Dr. John Medicine Horse Kelly (Cle-alls), Haida Elder, Professor of Journalism, Carleton University, Ottawa
Traditional & Original Native Stories
Thomas Doty accompanies his audiences on dramatic journeys into the wondrous world of stories, landscapes and culture. Recipient of a Distinguished Lifetime Achievement Award from the national American Indian Program, he has been called "one of the best of Oregon's storytellers," "a cultural treasure," and "a master of his art."
Performances come in several presentational styles. As a traditional storytelling ... native stories as they have been shared for thousands of years. As a talk or keynote. As a house concert in a private home. Invite your friends, provide food and drink, and Thomas Doty will provide a wonderful evening of stories.

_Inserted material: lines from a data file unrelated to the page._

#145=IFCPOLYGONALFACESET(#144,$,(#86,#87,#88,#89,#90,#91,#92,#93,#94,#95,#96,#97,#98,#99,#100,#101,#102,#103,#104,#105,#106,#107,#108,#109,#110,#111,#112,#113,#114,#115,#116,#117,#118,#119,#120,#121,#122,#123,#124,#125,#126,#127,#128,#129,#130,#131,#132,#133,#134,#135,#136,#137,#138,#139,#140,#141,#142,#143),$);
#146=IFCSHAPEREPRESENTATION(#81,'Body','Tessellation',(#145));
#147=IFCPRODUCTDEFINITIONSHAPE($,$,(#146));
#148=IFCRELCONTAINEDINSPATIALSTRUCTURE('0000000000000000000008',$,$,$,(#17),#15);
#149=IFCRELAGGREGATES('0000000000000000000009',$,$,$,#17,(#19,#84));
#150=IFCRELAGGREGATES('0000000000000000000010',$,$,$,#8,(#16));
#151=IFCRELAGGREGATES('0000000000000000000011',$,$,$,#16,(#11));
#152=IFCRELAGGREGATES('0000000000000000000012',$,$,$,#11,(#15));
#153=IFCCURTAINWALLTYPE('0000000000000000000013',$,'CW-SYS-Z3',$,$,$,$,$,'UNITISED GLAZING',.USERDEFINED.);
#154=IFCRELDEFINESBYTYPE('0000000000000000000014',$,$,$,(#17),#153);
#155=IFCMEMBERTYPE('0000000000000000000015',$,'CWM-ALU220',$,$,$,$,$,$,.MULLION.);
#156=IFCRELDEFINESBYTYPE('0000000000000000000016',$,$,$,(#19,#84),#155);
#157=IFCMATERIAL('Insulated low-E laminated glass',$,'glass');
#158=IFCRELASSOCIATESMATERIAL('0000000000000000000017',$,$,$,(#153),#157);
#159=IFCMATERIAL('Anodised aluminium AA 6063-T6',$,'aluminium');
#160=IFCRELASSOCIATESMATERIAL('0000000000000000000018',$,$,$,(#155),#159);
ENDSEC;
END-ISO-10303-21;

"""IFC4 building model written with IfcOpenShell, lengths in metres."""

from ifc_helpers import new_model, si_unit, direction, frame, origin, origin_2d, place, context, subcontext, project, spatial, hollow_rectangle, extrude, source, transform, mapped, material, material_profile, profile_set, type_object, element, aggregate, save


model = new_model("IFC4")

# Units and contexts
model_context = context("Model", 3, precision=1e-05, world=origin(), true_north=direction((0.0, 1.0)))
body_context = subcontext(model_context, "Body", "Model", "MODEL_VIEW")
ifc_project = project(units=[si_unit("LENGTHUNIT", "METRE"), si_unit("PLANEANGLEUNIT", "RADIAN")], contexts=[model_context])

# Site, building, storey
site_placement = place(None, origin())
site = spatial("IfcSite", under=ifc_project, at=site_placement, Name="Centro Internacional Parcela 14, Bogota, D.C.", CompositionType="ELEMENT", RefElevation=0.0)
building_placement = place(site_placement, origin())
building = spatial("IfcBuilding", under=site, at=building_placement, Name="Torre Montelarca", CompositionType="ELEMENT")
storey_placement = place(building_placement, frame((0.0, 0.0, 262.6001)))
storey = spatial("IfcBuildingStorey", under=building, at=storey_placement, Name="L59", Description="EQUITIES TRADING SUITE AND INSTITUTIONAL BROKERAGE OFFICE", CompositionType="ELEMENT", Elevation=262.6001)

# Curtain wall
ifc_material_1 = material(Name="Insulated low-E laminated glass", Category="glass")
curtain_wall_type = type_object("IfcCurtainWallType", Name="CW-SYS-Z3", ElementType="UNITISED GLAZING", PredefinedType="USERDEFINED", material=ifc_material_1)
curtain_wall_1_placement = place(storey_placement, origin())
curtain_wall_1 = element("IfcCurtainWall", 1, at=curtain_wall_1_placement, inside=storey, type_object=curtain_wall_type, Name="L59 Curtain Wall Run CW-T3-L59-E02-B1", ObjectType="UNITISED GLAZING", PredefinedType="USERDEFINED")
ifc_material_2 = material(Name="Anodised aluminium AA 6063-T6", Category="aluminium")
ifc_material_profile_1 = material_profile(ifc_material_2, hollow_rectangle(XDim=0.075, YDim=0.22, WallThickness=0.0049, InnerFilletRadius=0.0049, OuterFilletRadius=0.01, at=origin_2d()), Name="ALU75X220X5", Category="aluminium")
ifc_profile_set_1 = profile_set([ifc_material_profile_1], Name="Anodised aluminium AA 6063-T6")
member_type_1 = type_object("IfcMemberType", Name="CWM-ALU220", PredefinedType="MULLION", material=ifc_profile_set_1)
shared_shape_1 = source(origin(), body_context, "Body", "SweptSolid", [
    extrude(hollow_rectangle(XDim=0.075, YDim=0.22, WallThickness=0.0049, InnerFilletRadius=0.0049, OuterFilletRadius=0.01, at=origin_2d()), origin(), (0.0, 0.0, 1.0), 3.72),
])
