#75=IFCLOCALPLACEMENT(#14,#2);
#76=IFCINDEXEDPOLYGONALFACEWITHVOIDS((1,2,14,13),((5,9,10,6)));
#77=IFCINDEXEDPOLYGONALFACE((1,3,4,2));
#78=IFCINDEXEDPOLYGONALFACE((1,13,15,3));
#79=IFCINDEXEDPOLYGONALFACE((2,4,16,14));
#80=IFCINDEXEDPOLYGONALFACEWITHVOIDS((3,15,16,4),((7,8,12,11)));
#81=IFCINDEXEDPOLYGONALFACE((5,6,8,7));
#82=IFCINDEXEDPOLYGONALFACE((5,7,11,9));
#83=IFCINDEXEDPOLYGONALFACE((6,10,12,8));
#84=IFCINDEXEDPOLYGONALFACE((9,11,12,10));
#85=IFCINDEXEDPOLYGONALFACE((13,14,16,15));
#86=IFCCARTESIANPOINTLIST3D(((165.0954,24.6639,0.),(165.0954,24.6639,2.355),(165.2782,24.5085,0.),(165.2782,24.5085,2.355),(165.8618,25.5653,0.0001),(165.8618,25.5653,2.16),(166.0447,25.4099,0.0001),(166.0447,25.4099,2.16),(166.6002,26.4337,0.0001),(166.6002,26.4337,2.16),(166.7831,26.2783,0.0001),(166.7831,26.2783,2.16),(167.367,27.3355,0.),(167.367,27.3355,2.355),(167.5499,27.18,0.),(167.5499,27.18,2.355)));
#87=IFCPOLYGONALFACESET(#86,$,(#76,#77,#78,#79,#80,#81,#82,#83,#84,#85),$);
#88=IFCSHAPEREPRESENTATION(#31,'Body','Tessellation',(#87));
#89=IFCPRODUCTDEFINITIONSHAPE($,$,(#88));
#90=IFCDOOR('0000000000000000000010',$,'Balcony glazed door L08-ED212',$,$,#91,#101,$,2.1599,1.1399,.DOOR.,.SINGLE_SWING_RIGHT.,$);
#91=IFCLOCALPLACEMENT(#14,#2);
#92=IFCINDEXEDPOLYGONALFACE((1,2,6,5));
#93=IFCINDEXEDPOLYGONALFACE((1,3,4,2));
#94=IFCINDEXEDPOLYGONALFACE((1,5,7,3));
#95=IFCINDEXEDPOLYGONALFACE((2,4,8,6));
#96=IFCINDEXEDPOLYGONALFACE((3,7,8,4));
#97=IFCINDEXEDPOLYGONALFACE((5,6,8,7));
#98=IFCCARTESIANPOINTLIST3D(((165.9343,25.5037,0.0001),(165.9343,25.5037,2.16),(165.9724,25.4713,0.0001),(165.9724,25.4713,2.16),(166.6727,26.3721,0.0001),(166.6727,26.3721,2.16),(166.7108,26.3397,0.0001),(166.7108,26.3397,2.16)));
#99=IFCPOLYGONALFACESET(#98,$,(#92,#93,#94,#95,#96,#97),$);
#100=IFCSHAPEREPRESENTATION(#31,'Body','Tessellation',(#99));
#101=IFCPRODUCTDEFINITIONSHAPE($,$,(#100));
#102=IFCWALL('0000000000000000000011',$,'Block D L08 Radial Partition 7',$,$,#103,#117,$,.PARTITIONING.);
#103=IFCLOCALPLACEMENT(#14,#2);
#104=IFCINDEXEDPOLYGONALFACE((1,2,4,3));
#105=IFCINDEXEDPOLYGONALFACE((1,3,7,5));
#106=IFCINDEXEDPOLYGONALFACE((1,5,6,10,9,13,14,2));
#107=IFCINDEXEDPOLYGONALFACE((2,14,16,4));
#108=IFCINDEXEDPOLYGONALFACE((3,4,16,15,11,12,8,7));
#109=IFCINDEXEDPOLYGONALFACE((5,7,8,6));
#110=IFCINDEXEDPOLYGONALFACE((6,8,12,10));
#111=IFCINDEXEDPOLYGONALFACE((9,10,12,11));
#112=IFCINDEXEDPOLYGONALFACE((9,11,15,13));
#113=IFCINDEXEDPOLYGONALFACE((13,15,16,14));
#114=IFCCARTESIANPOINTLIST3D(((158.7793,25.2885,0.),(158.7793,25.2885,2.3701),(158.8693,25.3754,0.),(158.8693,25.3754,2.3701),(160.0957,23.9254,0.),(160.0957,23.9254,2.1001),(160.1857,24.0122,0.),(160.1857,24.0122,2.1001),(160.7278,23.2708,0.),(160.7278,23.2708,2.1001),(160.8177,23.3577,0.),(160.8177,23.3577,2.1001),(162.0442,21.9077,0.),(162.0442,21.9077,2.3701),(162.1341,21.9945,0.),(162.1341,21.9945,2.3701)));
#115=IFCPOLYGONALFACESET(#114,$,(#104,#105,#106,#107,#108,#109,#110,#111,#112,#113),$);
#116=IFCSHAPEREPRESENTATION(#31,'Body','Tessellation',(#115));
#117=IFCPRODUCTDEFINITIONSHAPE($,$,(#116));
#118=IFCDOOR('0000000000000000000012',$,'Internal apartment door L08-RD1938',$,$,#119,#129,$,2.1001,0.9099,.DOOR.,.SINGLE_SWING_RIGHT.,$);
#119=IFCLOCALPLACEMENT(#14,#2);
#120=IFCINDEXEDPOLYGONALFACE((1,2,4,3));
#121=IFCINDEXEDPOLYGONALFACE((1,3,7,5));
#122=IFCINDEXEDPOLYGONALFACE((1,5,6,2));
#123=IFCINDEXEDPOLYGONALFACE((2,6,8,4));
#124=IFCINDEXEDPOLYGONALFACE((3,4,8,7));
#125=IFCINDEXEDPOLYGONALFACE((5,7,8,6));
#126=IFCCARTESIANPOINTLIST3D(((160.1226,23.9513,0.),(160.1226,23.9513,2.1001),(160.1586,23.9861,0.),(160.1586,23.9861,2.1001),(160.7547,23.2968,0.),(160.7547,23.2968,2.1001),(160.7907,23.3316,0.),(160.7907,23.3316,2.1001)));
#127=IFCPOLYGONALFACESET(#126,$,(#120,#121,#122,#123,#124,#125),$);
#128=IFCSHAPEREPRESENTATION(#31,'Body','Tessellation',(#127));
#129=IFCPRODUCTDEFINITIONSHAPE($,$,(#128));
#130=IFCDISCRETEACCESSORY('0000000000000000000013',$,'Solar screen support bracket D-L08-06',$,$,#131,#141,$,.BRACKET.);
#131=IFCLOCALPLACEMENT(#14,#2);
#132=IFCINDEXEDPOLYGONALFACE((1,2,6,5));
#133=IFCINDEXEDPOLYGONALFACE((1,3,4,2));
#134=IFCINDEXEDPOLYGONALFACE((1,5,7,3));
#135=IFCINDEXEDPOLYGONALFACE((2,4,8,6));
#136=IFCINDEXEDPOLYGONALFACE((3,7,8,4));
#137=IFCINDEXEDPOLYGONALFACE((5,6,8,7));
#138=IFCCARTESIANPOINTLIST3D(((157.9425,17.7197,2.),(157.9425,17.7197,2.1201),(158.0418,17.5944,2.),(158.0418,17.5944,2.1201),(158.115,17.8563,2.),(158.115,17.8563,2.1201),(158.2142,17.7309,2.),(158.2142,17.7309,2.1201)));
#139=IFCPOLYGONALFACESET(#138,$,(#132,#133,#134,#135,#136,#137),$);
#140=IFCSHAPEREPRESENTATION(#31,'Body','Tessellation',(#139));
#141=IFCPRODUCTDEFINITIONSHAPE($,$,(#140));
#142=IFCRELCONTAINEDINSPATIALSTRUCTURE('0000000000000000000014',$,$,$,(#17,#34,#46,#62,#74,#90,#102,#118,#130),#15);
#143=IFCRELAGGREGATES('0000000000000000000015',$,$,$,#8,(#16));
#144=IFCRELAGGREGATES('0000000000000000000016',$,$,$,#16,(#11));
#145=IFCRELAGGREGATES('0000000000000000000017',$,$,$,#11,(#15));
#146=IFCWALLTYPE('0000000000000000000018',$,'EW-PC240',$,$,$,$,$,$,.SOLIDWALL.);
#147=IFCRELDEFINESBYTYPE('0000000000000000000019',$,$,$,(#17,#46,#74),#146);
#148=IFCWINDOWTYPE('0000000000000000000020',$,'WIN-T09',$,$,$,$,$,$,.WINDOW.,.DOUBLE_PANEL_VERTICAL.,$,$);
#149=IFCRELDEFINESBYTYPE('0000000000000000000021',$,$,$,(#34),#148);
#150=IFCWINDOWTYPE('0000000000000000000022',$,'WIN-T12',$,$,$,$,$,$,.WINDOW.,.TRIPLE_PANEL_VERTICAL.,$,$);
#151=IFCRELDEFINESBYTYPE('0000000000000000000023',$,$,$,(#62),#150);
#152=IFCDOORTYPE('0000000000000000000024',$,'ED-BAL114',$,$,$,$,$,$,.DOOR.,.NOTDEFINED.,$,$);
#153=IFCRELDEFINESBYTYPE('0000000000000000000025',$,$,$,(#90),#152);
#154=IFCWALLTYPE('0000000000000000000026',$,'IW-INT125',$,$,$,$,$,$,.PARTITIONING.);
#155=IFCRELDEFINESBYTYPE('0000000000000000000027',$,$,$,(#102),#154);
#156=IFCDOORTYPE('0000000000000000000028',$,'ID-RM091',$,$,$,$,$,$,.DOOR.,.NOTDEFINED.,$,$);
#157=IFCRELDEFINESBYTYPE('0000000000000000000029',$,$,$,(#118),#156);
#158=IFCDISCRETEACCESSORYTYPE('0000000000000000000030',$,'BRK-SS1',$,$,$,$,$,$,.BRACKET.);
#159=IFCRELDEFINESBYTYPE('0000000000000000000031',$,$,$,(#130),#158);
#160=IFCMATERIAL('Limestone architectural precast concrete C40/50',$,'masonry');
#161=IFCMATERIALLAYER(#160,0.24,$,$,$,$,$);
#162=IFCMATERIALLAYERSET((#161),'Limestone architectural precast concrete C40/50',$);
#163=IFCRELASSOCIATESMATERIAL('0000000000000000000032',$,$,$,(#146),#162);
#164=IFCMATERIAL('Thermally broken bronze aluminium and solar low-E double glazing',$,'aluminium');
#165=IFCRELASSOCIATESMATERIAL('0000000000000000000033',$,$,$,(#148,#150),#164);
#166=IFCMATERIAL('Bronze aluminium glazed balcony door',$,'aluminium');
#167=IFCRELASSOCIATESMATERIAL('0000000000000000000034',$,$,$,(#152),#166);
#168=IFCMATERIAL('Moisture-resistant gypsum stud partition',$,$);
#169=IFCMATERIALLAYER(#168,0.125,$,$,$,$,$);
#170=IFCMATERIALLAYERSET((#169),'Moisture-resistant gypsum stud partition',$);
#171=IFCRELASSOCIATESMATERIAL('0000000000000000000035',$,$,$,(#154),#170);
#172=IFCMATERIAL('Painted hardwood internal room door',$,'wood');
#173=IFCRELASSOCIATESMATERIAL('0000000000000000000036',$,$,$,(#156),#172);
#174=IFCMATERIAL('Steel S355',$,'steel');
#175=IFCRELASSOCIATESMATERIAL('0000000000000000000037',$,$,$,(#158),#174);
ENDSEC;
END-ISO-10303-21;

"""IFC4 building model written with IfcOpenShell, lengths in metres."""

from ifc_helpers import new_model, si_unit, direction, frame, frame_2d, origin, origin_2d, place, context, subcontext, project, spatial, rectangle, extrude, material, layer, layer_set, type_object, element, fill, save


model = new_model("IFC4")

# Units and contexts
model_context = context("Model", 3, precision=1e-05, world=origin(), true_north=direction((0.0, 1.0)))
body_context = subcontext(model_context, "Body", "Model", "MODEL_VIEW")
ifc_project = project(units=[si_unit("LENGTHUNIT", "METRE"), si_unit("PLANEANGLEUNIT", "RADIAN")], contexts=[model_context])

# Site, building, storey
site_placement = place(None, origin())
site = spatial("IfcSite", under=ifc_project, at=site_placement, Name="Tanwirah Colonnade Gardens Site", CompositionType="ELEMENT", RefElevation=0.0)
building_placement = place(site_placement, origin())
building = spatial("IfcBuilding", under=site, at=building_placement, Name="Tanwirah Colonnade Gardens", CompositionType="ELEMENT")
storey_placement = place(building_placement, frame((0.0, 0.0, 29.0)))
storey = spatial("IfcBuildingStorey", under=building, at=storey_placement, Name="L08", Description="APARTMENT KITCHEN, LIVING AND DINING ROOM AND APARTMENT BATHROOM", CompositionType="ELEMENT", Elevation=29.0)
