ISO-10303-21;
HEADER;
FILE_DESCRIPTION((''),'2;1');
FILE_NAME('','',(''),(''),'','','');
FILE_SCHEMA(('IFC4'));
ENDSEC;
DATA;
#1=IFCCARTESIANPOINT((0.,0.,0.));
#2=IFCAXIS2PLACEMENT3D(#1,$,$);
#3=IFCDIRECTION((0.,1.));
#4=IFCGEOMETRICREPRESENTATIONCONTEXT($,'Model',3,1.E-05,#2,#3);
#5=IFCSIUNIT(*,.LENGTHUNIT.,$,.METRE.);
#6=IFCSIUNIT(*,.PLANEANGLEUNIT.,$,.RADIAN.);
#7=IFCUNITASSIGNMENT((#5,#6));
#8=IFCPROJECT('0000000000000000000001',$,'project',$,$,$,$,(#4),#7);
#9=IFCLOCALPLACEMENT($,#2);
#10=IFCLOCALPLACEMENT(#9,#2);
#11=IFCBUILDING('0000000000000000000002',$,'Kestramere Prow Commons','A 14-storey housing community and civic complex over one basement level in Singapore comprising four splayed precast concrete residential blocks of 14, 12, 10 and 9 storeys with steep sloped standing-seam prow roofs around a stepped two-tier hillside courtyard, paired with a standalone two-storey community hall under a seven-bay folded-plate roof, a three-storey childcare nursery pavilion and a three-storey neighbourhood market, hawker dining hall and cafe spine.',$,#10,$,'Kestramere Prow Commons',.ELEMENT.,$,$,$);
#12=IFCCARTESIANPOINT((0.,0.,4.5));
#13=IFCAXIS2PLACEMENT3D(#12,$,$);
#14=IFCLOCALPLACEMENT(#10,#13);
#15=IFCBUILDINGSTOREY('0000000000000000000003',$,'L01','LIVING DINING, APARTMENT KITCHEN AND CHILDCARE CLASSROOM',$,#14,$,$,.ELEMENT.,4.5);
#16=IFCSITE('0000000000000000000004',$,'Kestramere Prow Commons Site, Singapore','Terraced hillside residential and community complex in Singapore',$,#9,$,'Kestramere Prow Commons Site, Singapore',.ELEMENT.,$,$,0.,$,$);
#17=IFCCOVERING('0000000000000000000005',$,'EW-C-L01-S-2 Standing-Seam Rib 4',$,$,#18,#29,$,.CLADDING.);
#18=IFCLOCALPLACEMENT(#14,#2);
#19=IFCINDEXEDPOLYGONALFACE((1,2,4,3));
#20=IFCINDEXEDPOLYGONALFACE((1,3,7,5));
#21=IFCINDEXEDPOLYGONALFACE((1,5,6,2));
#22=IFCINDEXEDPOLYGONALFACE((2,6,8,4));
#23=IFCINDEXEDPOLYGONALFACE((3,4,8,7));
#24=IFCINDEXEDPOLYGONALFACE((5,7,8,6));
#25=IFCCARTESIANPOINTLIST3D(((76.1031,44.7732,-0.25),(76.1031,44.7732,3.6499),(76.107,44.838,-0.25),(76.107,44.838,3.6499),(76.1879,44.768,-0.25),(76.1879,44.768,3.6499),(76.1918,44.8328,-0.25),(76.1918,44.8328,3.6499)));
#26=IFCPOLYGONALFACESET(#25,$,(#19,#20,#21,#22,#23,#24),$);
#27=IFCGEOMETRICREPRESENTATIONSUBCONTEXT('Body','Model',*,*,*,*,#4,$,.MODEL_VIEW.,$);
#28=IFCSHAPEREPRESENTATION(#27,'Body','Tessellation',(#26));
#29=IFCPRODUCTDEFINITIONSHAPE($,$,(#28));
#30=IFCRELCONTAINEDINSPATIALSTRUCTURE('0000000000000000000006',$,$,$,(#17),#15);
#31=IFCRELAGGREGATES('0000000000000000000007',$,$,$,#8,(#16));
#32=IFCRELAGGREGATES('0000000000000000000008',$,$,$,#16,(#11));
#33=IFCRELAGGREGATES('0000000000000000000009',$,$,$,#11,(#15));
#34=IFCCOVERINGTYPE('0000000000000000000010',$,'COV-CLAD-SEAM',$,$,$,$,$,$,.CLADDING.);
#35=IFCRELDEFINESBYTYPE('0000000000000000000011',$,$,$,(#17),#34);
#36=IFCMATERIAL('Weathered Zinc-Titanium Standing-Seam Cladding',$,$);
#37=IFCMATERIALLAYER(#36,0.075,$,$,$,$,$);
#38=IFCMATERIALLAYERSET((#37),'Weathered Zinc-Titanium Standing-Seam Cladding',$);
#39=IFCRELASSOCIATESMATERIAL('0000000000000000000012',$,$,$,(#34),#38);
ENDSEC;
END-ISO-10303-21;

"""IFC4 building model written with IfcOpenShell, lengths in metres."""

from ifc_helpers import new_model, si_unit, direction, frame, origin, origin_2d, place, context, subcontext, project, spatial, rectangle, extrude, material, layer, layer_set, type_object, element, save


model = new_model("IFC4")

# Units and contexts
model_context = context("Model", 3, precision=1e-05, world=origin(), true_north=direction((0.0, 1.0)))
body_context = subcontext(model_context, "Body", "Model", "MODEL_VIEW")
ifc_project = project(units=[si_unit("LENGTHUNIT", "METRE"), si_unit("PLANEANGLEUNIT", "RADIAN")], contexts=[model_context])

# Site, building, storey
site_placement = place(None, origin())
site = spatial("IfcSite", under=ifc_project, at=site_placement, Name="Kestramere Prow Commons Site, Singapore", Description="Terraced hillside residential and community complex in Singapore", LongName="Kestramere Prow Commons Site, Singapore", CompositionType="ELEMENT", RefElevation=0.0)
building_placement = place(site_placement, origin())
building = spatial("IfcBuilding", under=site, at=building_placement, Name="Kestramere Prow Commons", Description="A 14-storey housing community and civic complex over one basement level in Singapore comprising four splayed precast concrete residential blocks of 14, 12, 10 and 9 storeys with steep sloped standing-seam prow roofs around a stepped two-tier hillside courtyard, paired with a standalone two-storey community hall under a seven-bay folded-plate roof, a three-storey childcare nursery pavilion and a three-storey neighbourhood market, hawker dining hall and cafe spine.", LongName="Kestramere Prow Commons", CompositionType="ELEMENT")
storey_placement = place(building_placement, frame((0.0, 0.0, 4.5)))
storey = spatial("IfcBuildingStorey", under=building, at=storey_placement, Name="L01", Description="LIVING DINING, APARTMENT KITCHEN AND CHILDCARE CLASSROOM", CompositionType="ELEMENT", Elevation=4.5)

# Covering
ifc_material_1 = material(Name="Weathered Zinc-Titanium Standing-Seam Cladding")
ifc_layer_1 = layer(ifc_material_1, 0.075)
ifc_layer_set_1 = layer_set([ifc_layer_1], Name="Weathered Zinc-Titanium Standing-Seam Cladding")
covering_type = type_object("IfcCoveringType", Name="COV-CLAD-SEAM", PredefinedType="CLADDING", material=ifc_layer_set_1)
for number, where, z_axis, x_axis, name in (
    (1, (76.1475, 44.803, -0.25), (0.0, 0.0, 1.0), (-0.998135, 0.061049, 0.0), "EW-C-L01-S-2 Standing-Seam Rib 4"),
):
    element("IfcCovering", number, at=place(storey_placement, frame(where, z_axis=z_axis, x_axis=x_axis)), inside=storey, type_object=covering_type, Name=name, PredefinedType="CLADDING", context=body_context, shape_type="SweptSolid", body=[
        extrude(rectangle(XDim=0.085, YDim=0.0649, at=origin_2d()), origin(), (0.0, 0.0, 1.0), 3.8999),
    ])

save(model, "model.ifc")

Steeped in Native American oral traditions of the West, traditional stories are woven with original native stories to provide present-day insights into ancient cultures ... a dramatic bridge between the present time and the vibrant Old Time world of Doty's native ancestors.
Thomas Doty weaves a wide-range of topics into his performances, including the healing power of stories, native world view, stories the ancient rock carvings and paintings tell, Indian and European contact.... Each performance is honed to create the perfect presentation for audience, sponsor and venue. Thomas Doty blends his storytelling skills with decades of living his art, as well as constantly exploring, researching and writing about his native culture.
Performances are available in a variety of settings ... at schools, colleges and universities, theatres, community centers, art galleries, bookstores, museums and visitor centers, libraries, churches and spiritual centers, retirement homes and private homes, parks and monuments, refuges and retreats, summer camps, fairs and festivals, and more!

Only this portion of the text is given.